“The problem is, as always, that your argument can be applied to just about any group where an individual (or a few individuals) become extremists. By your logic, we could ban Christianity, Islam, Hinduism, Unions, etc, etc.”
Clearly it cannot, as my argument does not pertain to groups but to individuals engaging in specific behaviors.
“And as a degreed historian”. Oh? Which area of history?
“I made the claim about the use of psychiatric hospitals against dissenters because that is the road we are traveling - suppression of dissent and that was a tool used by the regime we appear hell-bent on emulating.”
That’s a slippery-slope argument, and a logical fallacy on the face of it. More subtly you made a causality error, claiming that “the use of psychiatric hospitals against dissenters” is an effect of censorship, which it is, to the best of my knowledge, at most of co-effect with it of tyranny.
Tyranny is something states do. We’re discussing Patreon, which is not a state.
“As for the consequences being overshadowed, that’s true only if you believe freedom of expression has no intrinsic value.”
That is the logical fallacy of the Excluded Middle. One need not believe freedom of expression has “no intrinsic value” to believe however great its value, that doesn’t exceed the value of millions of lives or the value of living in a society in which there is not a genocide.
“Sadly, nobody believes ‘make no law’ actually means ‘make no law’.”
Perhaps the prevalence you find of a lack of support for your extremism on free speech should give you pause.
“Those who would give up essential liberty to purchase a little temporary safety deserve neither liberty nor safety.”
That’s the Naturalistic Fallacy, using a deservingness (“should”) argument in the place of an argument of substance (“is”).

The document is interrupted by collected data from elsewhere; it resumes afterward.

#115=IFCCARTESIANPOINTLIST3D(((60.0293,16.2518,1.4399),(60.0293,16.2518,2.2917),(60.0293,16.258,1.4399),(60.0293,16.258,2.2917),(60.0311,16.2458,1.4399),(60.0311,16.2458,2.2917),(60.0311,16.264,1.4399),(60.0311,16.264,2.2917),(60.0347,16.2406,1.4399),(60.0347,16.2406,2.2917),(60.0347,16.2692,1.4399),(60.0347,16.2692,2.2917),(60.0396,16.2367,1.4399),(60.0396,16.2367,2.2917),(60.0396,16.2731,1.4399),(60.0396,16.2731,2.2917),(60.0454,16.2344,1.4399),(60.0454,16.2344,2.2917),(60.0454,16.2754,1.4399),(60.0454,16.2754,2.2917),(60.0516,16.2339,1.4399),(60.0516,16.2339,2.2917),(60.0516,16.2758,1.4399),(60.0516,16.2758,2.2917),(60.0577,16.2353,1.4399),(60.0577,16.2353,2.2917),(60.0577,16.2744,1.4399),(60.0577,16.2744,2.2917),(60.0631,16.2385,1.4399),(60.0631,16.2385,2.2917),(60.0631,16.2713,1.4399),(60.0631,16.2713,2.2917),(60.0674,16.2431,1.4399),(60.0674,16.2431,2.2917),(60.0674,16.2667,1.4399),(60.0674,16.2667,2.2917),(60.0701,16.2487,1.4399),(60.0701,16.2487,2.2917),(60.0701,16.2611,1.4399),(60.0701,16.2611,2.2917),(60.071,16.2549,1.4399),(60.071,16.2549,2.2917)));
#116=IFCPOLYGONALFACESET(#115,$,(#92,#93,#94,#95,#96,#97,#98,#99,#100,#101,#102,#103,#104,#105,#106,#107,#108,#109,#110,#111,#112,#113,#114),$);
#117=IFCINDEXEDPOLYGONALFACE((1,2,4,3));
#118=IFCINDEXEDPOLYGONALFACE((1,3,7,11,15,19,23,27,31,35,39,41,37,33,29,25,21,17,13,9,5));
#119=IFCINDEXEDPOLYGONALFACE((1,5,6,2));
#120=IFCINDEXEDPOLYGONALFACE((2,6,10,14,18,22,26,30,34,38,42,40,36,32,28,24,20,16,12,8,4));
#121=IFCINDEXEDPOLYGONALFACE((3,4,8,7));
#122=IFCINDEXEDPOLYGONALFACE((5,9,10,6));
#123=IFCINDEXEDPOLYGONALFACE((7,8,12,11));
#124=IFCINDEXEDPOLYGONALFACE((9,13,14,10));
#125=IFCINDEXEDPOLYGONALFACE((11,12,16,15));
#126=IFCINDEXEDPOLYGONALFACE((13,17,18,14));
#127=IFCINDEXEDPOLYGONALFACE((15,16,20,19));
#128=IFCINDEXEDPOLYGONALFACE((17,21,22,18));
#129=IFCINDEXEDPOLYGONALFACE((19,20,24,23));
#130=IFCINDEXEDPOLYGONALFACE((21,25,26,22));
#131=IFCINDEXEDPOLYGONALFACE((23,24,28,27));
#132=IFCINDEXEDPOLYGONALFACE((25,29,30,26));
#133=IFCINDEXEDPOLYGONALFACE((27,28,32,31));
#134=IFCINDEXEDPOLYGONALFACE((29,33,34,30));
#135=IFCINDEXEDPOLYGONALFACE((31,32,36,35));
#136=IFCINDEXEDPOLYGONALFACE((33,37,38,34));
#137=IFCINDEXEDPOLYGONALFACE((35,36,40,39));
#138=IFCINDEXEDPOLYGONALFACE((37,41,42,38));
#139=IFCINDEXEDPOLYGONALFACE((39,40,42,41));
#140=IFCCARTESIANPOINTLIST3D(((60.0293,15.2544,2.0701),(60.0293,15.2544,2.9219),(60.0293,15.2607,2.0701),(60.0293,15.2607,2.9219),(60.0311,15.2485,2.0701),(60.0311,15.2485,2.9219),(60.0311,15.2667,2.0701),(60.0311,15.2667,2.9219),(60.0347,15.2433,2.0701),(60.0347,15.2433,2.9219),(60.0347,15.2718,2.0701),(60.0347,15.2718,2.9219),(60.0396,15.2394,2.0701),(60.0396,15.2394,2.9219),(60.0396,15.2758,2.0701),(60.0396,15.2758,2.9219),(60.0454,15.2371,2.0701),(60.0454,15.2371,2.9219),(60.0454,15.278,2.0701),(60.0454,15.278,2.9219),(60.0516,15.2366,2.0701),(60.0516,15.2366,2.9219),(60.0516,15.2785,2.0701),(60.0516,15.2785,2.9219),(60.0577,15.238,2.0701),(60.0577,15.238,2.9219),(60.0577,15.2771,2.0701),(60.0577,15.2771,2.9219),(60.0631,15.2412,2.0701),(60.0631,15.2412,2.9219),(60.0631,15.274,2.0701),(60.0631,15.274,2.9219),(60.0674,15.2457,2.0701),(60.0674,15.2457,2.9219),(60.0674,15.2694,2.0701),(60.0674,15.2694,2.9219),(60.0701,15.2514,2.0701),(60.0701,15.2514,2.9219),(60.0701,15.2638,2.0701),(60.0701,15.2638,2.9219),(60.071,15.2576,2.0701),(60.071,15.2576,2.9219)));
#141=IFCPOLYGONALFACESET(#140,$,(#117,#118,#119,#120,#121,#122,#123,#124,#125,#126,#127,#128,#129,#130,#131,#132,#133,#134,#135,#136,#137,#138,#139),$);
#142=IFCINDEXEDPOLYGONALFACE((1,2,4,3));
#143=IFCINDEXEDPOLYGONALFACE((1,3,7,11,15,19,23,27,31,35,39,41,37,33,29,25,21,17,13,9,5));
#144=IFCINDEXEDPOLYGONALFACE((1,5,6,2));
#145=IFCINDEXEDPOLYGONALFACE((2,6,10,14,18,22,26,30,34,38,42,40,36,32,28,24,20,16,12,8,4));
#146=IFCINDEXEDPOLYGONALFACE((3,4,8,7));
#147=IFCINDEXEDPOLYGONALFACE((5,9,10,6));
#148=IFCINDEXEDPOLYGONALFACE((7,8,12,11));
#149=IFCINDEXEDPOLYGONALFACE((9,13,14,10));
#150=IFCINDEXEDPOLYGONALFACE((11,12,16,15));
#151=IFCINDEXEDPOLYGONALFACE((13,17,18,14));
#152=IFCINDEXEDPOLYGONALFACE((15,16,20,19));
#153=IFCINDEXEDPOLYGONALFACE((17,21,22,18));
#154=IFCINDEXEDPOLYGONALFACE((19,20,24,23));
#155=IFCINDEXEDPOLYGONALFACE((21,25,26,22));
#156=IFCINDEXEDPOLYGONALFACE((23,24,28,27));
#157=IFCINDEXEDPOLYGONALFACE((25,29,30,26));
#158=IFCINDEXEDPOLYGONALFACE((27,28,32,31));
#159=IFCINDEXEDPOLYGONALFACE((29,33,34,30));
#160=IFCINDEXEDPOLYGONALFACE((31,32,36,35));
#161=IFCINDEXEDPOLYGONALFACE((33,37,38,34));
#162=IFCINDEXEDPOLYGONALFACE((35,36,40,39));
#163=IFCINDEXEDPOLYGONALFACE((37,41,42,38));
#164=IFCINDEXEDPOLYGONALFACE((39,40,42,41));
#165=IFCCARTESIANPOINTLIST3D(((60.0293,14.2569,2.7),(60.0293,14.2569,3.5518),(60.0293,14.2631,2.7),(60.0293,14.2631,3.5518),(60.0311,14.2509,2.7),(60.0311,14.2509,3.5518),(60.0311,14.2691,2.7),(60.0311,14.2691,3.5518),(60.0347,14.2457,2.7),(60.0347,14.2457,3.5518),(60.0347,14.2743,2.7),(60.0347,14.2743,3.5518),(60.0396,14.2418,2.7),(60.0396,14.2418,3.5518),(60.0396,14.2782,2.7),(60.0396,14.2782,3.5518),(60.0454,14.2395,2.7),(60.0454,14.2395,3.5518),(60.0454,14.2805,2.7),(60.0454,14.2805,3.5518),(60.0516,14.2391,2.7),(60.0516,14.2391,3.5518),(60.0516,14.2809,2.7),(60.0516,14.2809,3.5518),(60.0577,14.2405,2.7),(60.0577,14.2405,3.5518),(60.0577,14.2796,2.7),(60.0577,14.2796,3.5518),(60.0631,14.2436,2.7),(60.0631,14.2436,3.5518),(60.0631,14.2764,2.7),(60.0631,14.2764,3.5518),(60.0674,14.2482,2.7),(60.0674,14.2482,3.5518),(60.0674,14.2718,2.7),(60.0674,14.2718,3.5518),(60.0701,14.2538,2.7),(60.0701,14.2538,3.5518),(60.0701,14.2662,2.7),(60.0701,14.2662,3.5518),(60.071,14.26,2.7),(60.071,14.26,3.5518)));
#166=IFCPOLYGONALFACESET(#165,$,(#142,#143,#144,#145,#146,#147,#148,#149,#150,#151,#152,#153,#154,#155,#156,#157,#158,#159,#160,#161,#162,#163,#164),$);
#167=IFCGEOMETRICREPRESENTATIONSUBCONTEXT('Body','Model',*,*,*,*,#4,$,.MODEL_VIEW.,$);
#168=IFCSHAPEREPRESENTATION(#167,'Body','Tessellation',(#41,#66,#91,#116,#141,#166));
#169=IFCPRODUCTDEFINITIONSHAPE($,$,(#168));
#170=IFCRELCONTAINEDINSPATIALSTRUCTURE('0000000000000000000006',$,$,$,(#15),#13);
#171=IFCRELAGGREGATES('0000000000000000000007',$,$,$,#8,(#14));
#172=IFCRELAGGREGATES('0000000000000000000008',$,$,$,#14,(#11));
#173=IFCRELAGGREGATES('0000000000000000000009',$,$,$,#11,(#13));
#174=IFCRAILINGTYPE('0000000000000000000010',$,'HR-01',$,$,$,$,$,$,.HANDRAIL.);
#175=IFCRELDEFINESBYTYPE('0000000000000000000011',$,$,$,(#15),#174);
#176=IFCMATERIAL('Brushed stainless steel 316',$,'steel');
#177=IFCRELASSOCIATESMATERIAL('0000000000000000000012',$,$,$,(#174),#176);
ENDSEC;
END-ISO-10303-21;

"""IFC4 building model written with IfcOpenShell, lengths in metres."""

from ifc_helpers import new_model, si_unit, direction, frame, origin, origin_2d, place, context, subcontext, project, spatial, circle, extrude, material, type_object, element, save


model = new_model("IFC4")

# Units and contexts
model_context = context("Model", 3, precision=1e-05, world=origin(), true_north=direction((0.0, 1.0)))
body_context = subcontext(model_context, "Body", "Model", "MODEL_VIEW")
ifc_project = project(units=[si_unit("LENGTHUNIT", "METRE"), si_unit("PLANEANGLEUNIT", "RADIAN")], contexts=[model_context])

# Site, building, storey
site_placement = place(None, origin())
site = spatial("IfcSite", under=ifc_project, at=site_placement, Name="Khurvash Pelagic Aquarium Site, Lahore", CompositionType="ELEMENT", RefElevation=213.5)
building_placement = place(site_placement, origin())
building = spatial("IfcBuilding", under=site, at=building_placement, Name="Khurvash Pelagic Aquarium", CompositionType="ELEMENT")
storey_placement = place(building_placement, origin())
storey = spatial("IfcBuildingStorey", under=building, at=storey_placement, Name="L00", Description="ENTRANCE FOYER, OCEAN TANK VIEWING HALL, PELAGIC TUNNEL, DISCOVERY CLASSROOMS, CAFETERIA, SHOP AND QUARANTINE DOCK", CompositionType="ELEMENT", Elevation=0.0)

“And as a follow-up, please explain how your theory does not lead to banning the Bible, the Holy Qur’an, and the Communist Manifesto. Individuals and groups have used those to defend violent acts, and continue to do so.”
Is this really the best you can do? You really don’t seem to understand the basis of your own position, and have a garbled notion of the historical precedents and philosophical premises that argue for “free speech”. The Founding Fathers did not include the first amendment, well, initially at all, hence “amendment”, but more to the point, they did not include it because they believed “freedom of expression” had infinite value. If they had, we wouldn’t have promptly wound up with the execrable Alien and Sedition Acts of 1789.
In any event, to address your point, we weren’t discussing the banning of books by the state. We’re discussing the refusal of service of payment processing by a privately held business.
And given that (lamentably in my opinion) our SCOTUS has decided that money is speech and corporations have rights, it would seem that Patreon deciding they don’t want to use their money/speech to promote QAnon means that Patreon’s side is actually the maximally free-speech side.